Saturday, July 1, 2017

Moving to Italy: Day 1-B

The story of our move to Italy starts with "Arrival" on the June 26, 2017 blog entry.



For our first lunch in Italy the cousins had brought cold cuts and rolls, and they cooked pasta, beef cutlets, and added a salad. The children ate some of the cold cuts and a little pasta, but they skipped the rest. I wasn’t too concerned. When I was able to prepare some of their usual food in the next few days, I was sure they would make up the missing calories.  After lunch, the cousins cleared away the dishes but refused my offer of help. I heard them say something about "bambini," and then they pointed out leftover meat that they had placed in a small refrigerator. Through hand gestures, I gathered they told me to go and take care of the children, and that there was food for the next day. I smiled and said "Grazie," something I repeated a lot that day. 

As they prepared to wash the dishes, I noticed that the sink had only one tap, the tap that was connected to the tank on the roof.  One of the cousins carried a large cooking pot into the bathroom to fetch hot water from the tank over the bath.  I had known that there was no washing machine or dryer in the house, but when I saw only one source for hot water, I realized that our life on the farm in Italy would be very different from our life in the city in America. 

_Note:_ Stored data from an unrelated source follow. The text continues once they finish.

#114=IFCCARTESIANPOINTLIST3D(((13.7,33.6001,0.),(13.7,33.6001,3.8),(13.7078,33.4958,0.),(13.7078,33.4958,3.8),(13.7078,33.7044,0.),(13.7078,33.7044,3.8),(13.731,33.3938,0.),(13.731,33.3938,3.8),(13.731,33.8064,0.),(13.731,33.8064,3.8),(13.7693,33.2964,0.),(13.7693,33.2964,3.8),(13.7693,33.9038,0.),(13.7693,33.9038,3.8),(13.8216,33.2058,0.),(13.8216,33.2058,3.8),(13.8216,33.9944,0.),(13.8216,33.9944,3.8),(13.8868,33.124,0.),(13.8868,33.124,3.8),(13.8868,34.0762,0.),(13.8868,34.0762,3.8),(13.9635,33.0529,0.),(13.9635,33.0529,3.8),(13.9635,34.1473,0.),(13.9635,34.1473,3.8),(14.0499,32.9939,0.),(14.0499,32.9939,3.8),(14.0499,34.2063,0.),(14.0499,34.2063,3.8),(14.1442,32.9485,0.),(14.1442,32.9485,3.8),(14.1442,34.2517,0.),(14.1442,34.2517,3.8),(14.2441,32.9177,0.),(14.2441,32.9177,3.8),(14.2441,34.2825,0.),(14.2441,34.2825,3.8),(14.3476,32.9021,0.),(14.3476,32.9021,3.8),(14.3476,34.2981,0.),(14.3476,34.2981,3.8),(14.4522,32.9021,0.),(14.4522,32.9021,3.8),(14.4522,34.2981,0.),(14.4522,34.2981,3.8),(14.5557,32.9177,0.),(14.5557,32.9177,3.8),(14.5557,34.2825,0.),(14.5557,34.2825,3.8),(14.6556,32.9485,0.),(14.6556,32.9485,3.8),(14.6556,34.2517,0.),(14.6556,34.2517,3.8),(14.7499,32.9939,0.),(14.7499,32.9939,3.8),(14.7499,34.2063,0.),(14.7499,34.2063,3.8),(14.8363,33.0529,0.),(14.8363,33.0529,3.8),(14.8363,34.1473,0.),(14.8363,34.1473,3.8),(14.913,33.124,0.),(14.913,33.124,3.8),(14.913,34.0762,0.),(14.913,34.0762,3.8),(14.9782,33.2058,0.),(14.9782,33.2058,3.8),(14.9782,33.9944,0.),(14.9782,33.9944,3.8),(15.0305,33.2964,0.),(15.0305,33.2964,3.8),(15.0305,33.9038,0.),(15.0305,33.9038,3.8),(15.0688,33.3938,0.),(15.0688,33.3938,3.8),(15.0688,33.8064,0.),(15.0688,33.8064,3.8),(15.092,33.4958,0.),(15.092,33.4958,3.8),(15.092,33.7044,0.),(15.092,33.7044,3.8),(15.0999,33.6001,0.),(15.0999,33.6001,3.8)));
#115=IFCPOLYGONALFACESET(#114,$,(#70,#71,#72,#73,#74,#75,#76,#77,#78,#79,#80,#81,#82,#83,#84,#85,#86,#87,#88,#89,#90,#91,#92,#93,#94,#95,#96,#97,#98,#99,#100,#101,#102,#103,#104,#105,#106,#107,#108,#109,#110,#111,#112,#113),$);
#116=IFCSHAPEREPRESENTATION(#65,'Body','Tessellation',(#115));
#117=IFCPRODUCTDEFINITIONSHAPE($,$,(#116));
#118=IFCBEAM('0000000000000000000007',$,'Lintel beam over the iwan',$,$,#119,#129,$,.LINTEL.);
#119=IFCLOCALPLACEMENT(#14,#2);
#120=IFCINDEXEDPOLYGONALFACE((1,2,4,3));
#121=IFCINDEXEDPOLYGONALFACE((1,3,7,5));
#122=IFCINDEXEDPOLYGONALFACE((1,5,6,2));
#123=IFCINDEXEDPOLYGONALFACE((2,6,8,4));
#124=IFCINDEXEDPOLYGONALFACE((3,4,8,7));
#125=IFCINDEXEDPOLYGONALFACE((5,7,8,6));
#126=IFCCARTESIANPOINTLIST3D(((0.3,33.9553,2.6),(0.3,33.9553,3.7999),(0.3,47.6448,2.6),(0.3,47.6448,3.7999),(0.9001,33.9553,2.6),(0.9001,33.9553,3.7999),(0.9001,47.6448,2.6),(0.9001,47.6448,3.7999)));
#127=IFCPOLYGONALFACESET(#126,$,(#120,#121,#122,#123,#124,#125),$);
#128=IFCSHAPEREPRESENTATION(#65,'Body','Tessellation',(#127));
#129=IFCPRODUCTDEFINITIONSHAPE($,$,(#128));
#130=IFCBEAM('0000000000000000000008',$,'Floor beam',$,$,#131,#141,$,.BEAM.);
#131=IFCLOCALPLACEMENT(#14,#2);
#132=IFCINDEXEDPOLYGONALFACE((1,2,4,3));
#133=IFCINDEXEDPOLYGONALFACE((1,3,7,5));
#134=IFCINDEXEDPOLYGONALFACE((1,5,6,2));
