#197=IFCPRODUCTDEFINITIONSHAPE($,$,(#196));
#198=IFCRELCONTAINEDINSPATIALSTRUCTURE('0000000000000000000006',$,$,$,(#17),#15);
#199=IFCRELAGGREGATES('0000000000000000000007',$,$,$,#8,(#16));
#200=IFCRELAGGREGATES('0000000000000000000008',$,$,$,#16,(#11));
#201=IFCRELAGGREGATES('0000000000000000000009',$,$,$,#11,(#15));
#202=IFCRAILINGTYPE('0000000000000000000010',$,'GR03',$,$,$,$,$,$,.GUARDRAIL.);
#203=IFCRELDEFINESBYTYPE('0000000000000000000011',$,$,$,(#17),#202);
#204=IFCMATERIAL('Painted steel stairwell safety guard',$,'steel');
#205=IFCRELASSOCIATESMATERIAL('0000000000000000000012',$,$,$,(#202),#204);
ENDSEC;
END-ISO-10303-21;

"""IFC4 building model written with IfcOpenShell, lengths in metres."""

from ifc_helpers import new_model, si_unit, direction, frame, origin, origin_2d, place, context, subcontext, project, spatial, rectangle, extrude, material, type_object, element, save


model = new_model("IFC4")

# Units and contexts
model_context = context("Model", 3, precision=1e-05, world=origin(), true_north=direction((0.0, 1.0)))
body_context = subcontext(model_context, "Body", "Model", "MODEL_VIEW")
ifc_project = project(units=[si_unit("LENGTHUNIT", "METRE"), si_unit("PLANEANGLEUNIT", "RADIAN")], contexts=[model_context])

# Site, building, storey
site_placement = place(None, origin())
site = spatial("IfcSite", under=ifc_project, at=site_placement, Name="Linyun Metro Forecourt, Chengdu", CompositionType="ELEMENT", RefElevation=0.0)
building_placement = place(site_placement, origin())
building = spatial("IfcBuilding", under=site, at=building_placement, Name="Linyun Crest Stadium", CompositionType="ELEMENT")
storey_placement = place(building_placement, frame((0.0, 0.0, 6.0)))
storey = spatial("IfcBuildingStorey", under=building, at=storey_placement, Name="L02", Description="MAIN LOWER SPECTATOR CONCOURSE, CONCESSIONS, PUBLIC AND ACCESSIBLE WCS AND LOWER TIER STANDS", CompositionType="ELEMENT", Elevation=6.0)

 As dusk fell everyone went away, the cousins back to Turin, and the uncles back to their houses.  As we unpacked our clothes and prepared for our first night at Gabi, the two huge bedrooms echoed with our voices. Our room dwarfed the king-sized bed and the wardrobe, a luxurious change from our tract home in California. I thought it odd that it was almost twice the size of the living room downstairs, the opposite of what I expected. However, its cavernous feel left me anxious I wouldn't hear the children's cries in the night, so I made sure to open the door adjoining our rooms. The two cribs my father-in-law had ordered from the local furniture store had been set up in the second bedroom, equally huge. The cribs were not like the usual wooden-slatted ones we had left behind, but were shorter, web-sided beds that just fit Margaret Ann and Matthew. Paul and James would sleep near them in the old-fashioned matching twin beds that belonged to my in-laws.

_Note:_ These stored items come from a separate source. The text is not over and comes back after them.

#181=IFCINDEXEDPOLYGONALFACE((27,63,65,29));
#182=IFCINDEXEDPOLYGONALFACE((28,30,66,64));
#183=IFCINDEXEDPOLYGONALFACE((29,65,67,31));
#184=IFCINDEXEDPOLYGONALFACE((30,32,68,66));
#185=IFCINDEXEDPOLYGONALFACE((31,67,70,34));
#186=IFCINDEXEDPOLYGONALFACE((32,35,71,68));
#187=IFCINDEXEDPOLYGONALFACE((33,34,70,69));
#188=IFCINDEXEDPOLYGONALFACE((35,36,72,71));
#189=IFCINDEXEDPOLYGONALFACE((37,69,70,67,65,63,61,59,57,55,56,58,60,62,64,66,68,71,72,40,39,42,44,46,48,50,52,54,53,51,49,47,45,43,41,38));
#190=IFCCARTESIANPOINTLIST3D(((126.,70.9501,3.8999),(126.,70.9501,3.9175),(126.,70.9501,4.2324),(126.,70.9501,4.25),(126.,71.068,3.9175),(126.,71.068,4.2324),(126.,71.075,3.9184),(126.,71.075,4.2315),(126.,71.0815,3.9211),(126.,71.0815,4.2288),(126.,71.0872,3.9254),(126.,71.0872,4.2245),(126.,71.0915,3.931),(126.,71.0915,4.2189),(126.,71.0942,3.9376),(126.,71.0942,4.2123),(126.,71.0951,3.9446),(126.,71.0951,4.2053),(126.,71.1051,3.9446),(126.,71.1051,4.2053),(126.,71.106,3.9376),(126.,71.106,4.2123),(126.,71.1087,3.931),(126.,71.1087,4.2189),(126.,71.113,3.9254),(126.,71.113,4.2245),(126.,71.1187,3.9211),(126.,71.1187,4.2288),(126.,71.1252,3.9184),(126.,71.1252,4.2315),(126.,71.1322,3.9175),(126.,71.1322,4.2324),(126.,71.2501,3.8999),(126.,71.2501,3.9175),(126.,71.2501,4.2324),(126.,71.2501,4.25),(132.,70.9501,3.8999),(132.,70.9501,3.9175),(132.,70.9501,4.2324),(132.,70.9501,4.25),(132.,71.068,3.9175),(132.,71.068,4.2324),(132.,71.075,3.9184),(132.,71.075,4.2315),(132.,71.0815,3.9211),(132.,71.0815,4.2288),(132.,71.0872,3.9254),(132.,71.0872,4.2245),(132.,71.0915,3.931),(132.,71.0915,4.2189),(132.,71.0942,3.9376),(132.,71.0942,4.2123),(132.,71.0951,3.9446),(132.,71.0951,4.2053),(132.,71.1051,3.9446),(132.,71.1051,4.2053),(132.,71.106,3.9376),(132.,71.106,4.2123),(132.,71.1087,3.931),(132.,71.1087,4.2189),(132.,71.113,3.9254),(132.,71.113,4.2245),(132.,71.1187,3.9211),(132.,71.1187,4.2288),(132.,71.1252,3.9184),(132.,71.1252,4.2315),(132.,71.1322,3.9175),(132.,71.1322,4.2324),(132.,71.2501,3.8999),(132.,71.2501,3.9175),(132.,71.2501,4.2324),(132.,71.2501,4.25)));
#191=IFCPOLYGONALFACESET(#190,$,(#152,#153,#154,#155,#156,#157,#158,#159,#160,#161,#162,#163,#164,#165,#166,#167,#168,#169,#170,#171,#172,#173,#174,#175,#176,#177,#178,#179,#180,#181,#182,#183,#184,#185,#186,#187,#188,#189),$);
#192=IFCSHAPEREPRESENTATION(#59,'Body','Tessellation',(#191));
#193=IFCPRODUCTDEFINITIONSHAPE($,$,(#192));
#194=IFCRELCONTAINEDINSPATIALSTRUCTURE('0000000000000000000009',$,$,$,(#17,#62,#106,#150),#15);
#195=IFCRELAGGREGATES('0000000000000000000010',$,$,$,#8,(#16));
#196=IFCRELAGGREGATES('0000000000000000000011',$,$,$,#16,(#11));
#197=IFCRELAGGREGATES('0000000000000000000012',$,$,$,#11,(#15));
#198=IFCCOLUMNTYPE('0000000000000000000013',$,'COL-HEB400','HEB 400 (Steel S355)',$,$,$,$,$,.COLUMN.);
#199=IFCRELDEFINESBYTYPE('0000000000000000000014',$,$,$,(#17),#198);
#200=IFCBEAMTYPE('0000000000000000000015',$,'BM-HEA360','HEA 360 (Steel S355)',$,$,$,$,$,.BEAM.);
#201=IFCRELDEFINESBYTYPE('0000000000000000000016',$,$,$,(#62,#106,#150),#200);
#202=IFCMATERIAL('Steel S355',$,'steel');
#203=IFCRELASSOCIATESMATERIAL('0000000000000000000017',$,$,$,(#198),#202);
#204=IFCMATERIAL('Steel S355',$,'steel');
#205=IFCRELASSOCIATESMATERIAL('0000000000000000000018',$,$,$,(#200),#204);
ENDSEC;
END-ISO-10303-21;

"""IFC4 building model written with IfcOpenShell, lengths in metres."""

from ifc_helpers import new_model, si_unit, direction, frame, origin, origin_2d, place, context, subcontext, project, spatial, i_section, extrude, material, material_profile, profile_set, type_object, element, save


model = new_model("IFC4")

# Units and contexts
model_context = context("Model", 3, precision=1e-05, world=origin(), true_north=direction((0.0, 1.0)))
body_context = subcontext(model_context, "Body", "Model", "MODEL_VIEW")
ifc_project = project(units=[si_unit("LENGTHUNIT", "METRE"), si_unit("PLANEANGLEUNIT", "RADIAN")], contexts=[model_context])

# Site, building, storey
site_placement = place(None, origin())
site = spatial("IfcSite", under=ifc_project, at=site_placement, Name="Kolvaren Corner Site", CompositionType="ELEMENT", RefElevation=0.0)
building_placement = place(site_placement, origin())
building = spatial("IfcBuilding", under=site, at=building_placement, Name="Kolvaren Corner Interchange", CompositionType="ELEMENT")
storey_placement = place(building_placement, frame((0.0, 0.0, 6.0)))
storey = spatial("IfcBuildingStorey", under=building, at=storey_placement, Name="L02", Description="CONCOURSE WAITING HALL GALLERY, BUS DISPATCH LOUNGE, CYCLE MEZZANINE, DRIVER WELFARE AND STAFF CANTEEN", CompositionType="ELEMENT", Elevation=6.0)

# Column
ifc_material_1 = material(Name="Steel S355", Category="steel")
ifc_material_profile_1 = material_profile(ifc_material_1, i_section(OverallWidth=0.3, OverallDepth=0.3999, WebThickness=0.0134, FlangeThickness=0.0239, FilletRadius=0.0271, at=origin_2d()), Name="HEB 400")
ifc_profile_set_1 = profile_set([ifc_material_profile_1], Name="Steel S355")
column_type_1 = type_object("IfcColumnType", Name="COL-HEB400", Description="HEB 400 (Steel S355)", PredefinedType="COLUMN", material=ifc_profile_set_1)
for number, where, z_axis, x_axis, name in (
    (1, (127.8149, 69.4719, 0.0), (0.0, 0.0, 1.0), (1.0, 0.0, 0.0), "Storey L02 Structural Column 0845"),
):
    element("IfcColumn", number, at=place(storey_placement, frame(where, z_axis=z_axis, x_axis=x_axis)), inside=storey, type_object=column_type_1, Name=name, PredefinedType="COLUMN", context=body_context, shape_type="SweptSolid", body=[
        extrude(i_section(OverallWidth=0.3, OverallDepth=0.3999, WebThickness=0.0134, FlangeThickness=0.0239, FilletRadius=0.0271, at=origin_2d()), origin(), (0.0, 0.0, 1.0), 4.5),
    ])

 We stripped the plastic off the mattresses and made up the beds with sheets we found in the wardrobe.  When she had left two years earlier, my mother-in-law had packed them carefully in mothballs, along with the blankets. The fireplace in each room had been bricked in, so we took the chill off the bedroom with a portable oil heater we had found in the garage downstairs, then covered the sheets with camphor-smelling woolen blankets. I was leery of the camphor fumes. Would they damage the children’s brains? Who knew? But I had to take the chance. There was no other way of keeping them warm in the cold, damp bedrooms except for the portable heater. If we left that on and one of the boys knocked it over in the dark, the oil would surely catch fire. I opted for camphor fumes.

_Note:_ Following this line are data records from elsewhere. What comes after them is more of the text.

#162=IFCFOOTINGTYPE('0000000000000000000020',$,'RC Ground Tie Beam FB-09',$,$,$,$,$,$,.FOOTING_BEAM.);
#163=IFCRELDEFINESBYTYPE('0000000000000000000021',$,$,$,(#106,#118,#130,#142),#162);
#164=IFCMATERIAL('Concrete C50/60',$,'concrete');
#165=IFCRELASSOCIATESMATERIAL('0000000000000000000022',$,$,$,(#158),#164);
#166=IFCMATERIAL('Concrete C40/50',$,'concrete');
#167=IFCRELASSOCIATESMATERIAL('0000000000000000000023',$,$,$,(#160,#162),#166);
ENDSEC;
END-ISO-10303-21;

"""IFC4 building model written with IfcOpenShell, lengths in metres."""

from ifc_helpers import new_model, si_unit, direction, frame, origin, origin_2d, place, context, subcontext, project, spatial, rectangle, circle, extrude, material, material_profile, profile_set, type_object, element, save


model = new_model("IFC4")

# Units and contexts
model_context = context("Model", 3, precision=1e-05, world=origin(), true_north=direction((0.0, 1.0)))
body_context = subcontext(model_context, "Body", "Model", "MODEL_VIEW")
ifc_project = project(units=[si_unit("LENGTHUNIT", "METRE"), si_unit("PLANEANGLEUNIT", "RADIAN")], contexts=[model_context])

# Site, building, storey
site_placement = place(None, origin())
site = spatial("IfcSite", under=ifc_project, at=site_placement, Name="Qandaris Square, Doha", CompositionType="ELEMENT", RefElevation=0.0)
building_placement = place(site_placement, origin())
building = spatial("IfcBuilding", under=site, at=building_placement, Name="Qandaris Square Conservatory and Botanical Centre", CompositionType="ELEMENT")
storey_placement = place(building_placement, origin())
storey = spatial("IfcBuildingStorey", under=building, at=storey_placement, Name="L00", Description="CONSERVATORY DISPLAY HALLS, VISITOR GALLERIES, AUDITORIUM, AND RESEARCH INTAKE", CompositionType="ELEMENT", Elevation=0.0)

The children were sleepy early and not very hungry for the leftovers, so we bathed them two at a time, bending over the shortened tub, then dried them with towels that we found in the cupboard, towels that also smelled faintly of mothballs. Before we slipped them into their beds, we held the four of them close and sang their familiar lullabies. Exhausted after that day of new sights and sounds, they fell asleep almost instantly.


Not long afterwards, we pulled the dank sheets over our own tired bodies, but I was restless. We were truly far away from everything that was familiar. The farmhouse was definitely not the villa of my imagination. The outside showed its years: it needed fresh stucco and several layers of paint. The rooms inside were large and cold, and sparsely furnished, and they also needed paint. And danger for the children seemed to lurk everywhere. In spite of my home-study course, I had not understood much of the Italian that the relatives had spoken, and even though George had done a valiant job of translating, I had felt isolated as we ate with them. In the darkness it was hard to dispel my doubts. My last conscious thought was, "What have we done?"



The bath--many years later, but still the same as on that day.


Matthew in his crib. Margaret Ann to the left.